23) The ceiling of this room is an arching dome with hundreds of tiny round openings in it, apparently air vents or perhaps speaking tubes.  Faint whispers can be heard as you pass, but they are so garbled together that it's impossible to make out what any are saying.

24) The floor before you is sagging and cracked, as if the supports beneath it had been broken.  (Balance check, DC 10 when crossing)  There is a relatively clear path through, though not a straight one.

25) The walls of this room are lined with book shelves, though where the books might be you have no clue.  The shelves appear to have been recently dusted.


----------



## was (Mar 16, 2012)

jonesy said:


> It's a neat generator, but many of those break the rules outlined.




I didnt mean it to be taken as is, but it can spur new ideas.
I also like this:
http://www.wizards.com/default.asp?x=dnd/dnd/20070427a


----------



## jonesy (Mar 16, 2012)

26) This room is almost completely filled by an aquarium in the middle of it. There are plants living in it, but they have grown so thick that it is impossible to tell whether there is anything else living inside.

27) The walls of this room have been decorated with different coloured marble eyes. They all seem to stare at anyone entering, but this is only a feeling one gets.

28) This room is dark. Really really dark. Any light source, magical or otherwise, which is brought into this room only illuminates it in a five foot radius. There is a human skeleton lying in the middle of the floor. It has a non-magical ring on its one remaining finger.

29) This room contains a few dusty bathtubs. A couple of them are hooked up to pipes coming from the walls. All of them are dry, and nothing comes from the pipes if someone tries them.

30) The floor of this room is covered in marble tiles. The tiles have different coloured numbers on them, but these seem completely random. Walking on any of the tiles makes them break, and the person who did so falls a half a feet down to the real floor (and receives no damage).

31) Stepping into this room is like entering a desert during a high sun. The walls are a faded yellow, and the floor has a sandlike pattern. The ceiling is a bright white. Staying in this room for longer than 5 minutes makes you feel parched.

32) This room eats all sounds. Nothing can be heard while within, and no sound can be made. There is a pedestal by the side of the room. On it is an emerald. If someone takes the emerald out of the room it breaks. Breaking the emerald dispels the sound eating effect.

33) The floor of this room is wildly uneven. Standing on one side one gets the impression that the other side is impossibly small, and vice versa.

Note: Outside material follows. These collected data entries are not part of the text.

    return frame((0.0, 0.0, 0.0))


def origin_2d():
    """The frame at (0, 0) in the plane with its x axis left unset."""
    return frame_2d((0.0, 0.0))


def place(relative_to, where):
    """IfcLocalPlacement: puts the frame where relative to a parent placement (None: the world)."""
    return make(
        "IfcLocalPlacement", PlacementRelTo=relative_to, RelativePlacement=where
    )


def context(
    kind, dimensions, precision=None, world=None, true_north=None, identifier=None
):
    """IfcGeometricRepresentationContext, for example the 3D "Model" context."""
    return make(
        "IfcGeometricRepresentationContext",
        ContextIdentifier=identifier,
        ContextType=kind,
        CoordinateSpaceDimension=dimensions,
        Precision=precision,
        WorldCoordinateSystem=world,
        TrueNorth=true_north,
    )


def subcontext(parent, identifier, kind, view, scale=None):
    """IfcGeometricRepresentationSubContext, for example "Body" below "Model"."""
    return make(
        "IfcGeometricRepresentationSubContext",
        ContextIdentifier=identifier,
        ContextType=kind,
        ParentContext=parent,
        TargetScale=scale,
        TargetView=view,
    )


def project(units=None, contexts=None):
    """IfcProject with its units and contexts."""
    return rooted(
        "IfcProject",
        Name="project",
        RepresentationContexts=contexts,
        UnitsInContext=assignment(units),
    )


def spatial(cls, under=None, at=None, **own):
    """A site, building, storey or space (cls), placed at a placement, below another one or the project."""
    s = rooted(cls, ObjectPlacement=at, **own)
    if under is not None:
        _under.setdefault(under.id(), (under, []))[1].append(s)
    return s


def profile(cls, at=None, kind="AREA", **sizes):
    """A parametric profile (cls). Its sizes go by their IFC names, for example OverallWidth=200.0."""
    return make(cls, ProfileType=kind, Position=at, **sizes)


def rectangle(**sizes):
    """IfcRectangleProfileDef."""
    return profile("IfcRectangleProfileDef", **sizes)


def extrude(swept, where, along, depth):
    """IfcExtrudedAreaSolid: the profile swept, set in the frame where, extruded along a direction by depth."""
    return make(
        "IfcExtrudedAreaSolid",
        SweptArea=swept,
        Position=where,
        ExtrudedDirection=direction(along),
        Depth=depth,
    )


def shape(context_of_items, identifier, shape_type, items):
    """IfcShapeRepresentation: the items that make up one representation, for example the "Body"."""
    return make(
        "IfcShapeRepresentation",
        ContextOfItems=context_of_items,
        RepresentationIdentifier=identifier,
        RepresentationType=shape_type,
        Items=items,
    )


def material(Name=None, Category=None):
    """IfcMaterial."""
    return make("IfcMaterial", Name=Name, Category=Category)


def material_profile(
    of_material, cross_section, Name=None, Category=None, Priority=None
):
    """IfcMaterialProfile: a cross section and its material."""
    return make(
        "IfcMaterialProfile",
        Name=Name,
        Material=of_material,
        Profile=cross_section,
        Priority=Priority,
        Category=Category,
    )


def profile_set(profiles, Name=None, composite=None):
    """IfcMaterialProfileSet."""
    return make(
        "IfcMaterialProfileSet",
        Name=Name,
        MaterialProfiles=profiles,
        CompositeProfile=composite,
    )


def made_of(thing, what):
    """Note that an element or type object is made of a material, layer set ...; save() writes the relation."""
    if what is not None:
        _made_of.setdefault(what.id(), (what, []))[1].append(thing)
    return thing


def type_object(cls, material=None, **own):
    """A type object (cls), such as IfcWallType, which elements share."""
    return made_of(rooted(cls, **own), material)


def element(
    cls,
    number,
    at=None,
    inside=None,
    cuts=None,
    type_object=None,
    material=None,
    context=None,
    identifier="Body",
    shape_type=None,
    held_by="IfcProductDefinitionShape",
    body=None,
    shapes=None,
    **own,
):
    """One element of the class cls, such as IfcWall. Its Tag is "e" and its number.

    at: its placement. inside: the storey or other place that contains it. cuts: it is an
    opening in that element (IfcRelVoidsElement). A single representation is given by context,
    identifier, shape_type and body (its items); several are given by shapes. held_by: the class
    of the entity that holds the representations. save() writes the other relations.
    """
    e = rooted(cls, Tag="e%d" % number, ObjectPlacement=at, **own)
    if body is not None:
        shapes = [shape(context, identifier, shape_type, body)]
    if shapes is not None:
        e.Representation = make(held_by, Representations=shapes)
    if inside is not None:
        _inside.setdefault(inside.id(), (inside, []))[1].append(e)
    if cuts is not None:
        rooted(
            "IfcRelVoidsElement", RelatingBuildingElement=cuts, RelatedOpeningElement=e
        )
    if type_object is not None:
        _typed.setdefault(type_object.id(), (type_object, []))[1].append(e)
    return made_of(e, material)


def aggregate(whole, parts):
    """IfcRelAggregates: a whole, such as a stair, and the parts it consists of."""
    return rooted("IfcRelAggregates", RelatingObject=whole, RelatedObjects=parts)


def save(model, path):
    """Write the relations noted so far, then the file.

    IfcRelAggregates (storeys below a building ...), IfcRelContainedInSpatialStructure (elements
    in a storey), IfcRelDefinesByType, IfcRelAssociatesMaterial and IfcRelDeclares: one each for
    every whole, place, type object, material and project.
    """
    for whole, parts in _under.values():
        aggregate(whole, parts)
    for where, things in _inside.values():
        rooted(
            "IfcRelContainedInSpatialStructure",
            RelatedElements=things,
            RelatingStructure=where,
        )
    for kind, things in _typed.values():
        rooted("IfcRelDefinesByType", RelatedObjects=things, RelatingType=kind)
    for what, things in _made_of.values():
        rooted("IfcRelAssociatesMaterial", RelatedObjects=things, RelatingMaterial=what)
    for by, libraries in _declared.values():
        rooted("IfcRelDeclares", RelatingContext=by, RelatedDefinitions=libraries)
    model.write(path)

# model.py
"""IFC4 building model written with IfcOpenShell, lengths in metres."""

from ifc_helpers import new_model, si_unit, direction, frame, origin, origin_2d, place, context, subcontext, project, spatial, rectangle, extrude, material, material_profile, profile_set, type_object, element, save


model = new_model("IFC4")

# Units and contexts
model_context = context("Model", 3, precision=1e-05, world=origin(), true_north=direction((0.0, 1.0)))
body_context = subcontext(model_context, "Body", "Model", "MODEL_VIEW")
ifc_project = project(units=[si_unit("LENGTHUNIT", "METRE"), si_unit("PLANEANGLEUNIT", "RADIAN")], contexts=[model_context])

34) This room makes everyone entering it feel claustrophobic. The walls feel like they are constantly closing in, and ceiling looks menacing. It's perfectly safe to be there.

35) This room is a raging inferno of fire. It isn't magical, and it will hurt. The magical effect of the room is in keeping the fire contained inside it. Carefully and slowly walking into the room one will realize that there is a safe narrow path inside which will take you to the other exit(s).


----------



## jonesy (Mar 16, 2012)

36) This room is decorated like the inside of an arabian tent. The beautiful fabrics used as decoration each have their own exotic scent, as if someone had been collecting perfumes from all around the world and then sprayed them randomly everywhere. On the floor are several chairs, an empty table, and a chest full of empty perfume bottles.

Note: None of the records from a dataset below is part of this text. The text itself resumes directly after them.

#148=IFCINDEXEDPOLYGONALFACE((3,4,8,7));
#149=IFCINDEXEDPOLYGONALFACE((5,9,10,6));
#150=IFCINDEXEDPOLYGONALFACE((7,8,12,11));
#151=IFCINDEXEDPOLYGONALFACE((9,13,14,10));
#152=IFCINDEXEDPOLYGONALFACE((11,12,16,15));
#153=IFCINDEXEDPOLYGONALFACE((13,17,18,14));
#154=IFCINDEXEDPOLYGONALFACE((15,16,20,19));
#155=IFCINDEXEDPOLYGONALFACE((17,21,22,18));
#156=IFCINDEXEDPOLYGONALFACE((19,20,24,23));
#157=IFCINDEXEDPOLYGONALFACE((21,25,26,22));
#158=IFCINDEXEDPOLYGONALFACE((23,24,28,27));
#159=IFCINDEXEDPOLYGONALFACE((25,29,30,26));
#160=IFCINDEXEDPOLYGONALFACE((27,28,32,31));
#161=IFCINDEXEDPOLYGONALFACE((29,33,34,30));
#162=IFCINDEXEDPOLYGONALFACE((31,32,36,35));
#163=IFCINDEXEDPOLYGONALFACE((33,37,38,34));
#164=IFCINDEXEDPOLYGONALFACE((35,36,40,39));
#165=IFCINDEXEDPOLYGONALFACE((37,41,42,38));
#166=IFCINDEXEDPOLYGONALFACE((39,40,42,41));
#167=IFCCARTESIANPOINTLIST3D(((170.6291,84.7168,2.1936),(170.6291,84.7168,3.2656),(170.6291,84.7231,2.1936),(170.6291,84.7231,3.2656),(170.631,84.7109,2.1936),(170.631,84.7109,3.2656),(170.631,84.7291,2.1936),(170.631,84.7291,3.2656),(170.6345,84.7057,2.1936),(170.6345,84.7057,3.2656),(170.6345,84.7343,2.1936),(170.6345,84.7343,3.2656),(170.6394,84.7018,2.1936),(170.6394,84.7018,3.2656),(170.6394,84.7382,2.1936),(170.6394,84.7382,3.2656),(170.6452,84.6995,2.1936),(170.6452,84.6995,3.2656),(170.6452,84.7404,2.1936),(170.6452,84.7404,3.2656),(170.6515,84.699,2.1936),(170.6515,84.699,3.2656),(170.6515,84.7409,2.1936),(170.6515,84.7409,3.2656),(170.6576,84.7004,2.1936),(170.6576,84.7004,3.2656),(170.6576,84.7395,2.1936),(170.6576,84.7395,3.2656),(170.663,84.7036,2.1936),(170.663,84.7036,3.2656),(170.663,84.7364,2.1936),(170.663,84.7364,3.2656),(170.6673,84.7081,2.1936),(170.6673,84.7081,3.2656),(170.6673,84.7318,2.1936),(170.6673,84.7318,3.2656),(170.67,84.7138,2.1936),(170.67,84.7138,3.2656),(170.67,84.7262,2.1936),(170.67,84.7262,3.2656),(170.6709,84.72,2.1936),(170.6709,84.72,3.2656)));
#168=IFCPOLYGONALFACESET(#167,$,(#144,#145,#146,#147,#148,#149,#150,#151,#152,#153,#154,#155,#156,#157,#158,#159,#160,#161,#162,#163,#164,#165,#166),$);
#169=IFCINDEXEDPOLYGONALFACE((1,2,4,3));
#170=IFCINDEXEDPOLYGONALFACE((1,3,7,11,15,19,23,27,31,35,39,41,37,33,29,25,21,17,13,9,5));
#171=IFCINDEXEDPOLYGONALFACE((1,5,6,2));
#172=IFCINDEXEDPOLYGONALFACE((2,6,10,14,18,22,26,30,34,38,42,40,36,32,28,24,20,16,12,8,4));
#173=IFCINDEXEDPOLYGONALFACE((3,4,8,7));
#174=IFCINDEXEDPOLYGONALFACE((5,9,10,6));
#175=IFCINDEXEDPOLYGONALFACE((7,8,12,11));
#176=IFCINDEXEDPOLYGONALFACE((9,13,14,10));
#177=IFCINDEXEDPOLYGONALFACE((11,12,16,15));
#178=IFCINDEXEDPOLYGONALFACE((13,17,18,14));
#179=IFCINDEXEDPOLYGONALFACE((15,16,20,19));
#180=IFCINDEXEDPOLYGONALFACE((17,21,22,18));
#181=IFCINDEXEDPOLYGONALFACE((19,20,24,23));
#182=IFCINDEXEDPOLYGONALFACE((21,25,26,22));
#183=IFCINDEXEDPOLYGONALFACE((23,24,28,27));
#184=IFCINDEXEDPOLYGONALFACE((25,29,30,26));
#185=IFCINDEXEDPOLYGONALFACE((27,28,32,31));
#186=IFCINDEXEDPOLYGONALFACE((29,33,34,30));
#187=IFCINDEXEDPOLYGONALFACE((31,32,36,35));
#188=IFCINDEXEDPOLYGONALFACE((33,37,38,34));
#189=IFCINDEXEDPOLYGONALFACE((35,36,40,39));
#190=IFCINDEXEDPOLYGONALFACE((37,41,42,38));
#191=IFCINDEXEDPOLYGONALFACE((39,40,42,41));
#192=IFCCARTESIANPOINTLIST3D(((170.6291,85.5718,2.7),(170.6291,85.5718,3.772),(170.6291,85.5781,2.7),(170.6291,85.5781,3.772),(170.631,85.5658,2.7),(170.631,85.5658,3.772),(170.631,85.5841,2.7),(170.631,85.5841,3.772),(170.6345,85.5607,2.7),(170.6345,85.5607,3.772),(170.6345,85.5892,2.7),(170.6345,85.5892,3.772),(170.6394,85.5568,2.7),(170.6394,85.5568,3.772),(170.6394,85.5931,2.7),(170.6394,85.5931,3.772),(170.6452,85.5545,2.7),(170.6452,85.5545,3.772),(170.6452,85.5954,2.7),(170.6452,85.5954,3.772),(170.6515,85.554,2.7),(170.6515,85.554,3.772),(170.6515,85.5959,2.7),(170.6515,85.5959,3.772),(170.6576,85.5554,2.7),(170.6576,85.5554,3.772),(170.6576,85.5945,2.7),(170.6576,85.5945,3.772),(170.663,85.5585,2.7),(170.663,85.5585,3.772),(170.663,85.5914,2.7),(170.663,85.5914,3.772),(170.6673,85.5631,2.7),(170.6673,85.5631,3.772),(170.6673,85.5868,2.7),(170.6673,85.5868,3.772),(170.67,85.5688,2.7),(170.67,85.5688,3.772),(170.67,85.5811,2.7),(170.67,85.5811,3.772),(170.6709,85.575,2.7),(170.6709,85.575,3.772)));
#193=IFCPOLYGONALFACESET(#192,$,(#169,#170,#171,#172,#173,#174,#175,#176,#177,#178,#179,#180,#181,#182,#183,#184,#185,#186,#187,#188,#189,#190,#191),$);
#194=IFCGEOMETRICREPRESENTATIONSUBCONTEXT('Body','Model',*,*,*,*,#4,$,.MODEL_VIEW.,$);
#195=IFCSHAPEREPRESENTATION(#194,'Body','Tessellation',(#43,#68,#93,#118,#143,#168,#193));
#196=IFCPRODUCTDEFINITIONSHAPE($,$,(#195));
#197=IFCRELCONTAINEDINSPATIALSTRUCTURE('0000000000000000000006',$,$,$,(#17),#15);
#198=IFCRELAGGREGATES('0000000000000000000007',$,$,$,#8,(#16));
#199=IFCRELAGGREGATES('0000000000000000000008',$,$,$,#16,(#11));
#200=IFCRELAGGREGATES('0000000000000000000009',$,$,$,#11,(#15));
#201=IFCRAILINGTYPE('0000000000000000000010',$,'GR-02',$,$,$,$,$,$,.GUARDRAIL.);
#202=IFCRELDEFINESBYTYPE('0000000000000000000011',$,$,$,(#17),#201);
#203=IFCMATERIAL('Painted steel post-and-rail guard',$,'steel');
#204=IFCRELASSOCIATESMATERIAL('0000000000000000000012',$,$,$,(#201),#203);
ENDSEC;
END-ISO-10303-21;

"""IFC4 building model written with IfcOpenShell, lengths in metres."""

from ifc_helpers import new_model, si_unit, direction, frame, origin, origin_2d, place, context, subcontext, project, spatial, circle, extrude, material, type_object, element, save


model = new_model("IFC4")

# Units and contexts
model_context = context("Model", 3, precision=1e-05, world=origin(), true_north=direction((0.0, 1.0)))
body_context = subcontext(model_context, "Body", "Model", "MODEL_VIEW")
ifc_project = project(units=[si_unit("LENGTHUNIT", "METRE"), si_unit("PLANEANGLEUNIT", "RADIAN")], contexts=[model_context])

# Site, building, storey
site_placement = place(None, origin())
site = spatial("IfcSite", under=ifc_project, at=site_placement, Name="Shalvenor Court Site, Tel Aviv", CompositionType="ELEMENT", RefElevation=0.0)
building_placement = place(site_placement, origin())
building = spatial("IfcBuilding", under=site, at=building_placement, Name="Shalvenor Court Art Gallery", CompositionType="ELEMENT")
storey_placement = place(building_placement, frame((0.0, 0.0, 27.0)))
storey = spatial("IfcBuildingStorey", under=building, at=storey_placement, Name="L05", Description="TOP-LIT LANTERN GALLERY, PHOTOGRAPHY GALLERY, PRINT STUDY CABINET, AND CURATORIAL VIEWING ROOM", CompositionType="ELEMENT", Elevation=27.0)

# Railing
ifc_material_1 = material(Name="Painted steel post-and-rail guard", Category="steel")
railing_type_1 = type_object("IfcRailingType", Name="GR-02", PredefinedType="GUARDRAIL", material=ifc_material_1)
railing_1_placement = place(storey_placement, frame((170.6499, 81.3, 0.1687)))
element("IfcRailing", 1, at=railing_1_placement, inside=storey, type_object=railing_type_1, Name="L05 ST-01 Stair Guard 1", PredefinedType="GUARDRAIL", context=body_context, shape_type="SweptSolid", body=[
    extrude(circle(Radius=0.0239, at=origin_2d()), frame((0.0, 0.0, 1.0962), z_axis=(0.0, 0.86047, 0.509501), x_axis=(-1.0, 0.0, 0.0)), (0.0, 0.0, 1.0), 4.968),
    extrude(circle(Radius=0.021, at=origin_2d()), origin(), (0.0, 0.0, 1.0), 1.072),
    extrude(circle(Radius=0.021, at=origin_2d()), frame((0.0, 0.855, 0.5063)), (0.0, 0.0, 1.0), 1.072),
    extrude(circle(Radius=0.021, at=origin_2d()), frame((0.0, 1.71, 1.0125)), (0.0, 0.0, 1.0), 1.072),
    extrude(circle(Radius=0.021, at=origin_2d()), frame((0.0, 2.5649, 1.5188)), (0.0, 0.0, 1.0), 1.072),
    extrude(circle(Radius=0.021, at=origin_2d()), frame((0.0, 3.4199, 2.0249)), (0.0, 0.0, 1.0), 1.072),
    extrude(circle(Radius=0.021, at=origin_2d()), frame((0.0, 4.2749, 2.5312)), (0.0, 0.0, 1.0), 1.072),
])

37) The floor of this room is littered with pencils and partially finished sketches of the same beautiful woman. Each picture is missing a different part of her.

38) The floor of this room is slightly damp. The room is entirely violet.

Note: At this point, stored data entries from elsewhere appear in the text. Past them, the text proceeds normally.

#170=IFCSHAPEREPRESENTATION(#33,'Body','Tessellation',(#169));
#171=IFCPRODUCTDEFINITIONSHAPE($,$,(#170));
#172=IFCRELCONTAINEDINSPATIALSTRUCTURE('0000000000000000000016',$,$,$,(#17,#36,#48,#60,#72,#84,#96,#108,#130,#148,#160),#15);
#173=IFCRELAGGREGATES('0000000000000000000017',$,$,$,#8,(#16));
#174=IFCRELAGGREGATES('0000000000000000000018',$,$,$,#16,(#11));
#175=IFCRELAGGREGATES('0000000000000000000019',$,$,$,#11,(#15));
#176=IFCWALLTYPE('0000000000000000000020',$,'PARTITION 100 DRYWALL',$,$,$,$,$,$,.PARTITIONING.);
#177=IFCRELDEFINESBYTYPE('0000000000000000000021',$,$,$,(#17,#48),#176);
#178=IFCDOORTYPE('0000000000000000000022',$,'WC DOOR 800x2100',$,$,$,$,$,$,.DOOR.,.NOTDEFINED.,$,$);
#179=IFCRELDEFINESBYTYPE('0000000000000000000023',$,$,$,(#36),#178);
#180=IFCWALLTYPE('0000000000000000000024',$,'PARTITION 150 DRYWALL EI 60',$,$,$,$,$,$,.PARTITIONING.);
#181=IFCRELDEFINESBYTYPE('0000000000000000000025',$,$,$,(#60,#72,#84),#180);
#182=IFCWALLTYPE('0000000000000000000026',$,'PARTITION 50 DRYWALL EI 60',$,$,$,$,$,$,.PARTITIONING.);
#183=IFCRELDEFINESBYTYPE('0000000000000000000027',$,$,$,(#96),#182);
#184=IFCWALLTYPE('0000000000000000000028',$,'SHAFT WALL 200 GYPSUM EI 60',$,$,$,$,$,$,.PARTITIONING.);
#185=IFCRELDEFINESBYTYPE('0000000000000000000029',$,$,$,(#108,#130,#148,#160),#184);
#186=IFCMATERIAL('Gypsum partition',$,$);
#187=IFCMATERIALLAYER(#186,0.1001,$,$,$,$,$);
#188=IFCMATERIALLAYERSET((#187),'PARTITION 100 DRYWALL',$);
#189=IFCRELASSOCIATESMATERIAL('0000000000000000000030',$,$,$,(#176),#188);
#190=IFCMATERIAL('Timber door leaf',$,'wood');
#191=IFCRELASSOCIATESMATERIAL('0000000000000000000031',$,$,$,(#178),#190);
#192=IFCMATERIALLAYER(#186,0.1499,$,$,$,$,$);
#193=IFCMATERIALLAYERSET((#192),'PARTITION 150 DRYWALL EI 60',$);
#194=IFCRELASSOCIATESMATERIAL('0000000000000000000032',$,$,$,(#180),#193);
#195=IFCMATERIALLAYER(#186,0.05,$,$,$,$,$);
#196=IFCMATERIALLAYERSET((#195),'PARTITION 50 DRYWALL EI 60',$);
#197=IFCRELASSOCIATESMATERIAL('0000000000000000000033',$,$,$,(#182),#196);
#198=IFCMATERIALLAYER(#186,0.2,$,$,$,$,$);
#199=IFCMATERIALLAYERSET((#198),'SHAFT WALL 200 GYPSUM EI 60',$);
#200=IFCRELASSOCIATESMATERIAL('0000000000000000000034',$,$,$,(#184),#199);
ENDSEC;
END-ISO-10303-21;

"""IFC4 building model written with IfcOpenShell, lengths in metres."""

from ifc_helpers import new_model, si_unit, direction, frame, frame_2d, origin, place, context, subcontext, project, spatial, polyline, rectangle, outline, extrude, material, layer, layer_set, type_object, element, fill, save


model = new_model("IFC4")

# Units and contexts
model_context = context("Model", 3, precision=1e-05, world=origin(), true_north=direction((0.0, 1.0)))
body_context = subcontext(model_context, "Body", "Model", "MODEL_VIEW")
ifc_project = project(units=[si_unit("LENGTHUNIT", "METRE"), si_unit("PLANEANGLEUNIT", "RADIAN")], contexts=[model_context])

39) This room feels ancient. It looks like the inside of a castle tower. Inspecting the stonework gives the impression that it once was an actual room in a castle tower which someone carried here piece by piece and then assembled in exactly the same way. There is a lavish bed here which would make even the haughtiest of princesses sigh with envy. The entrance(s) to the room were once locked, but the locks have rusted away.

40) There is a golden statue of a terrifying demon in this room. The statue is much too big to be carried out, and the gold is fake.

41) There are so many carpets of various kind on the floor of this room that simply getting into the room is a bit hard.

42) This room is a library. All of the books are journals of a man named Ekhnaton. If anyone tries to read even one of them they will fall asleep. The journals are mindnumbingly boring. The sleep is non-magical, and waking the person is simple.

43) This room contains a railroad which connects the entrances. There is a small minecart on the track near where the party comes in. The track is slightly rusted, and walking is faster than using the cart.

44) The ceiling of this room is so low that to get through it the largest member of the party needs to bend down slightly.

45) This room is completely empty save for a key on the floor near the opposite entrance.

46) There are small cages in this room. In the cages are snakes. The snakes can easily escape through the bars if they so choose. The snakes are non-poisonous and harmless. There are lots of dead mice outside the cages.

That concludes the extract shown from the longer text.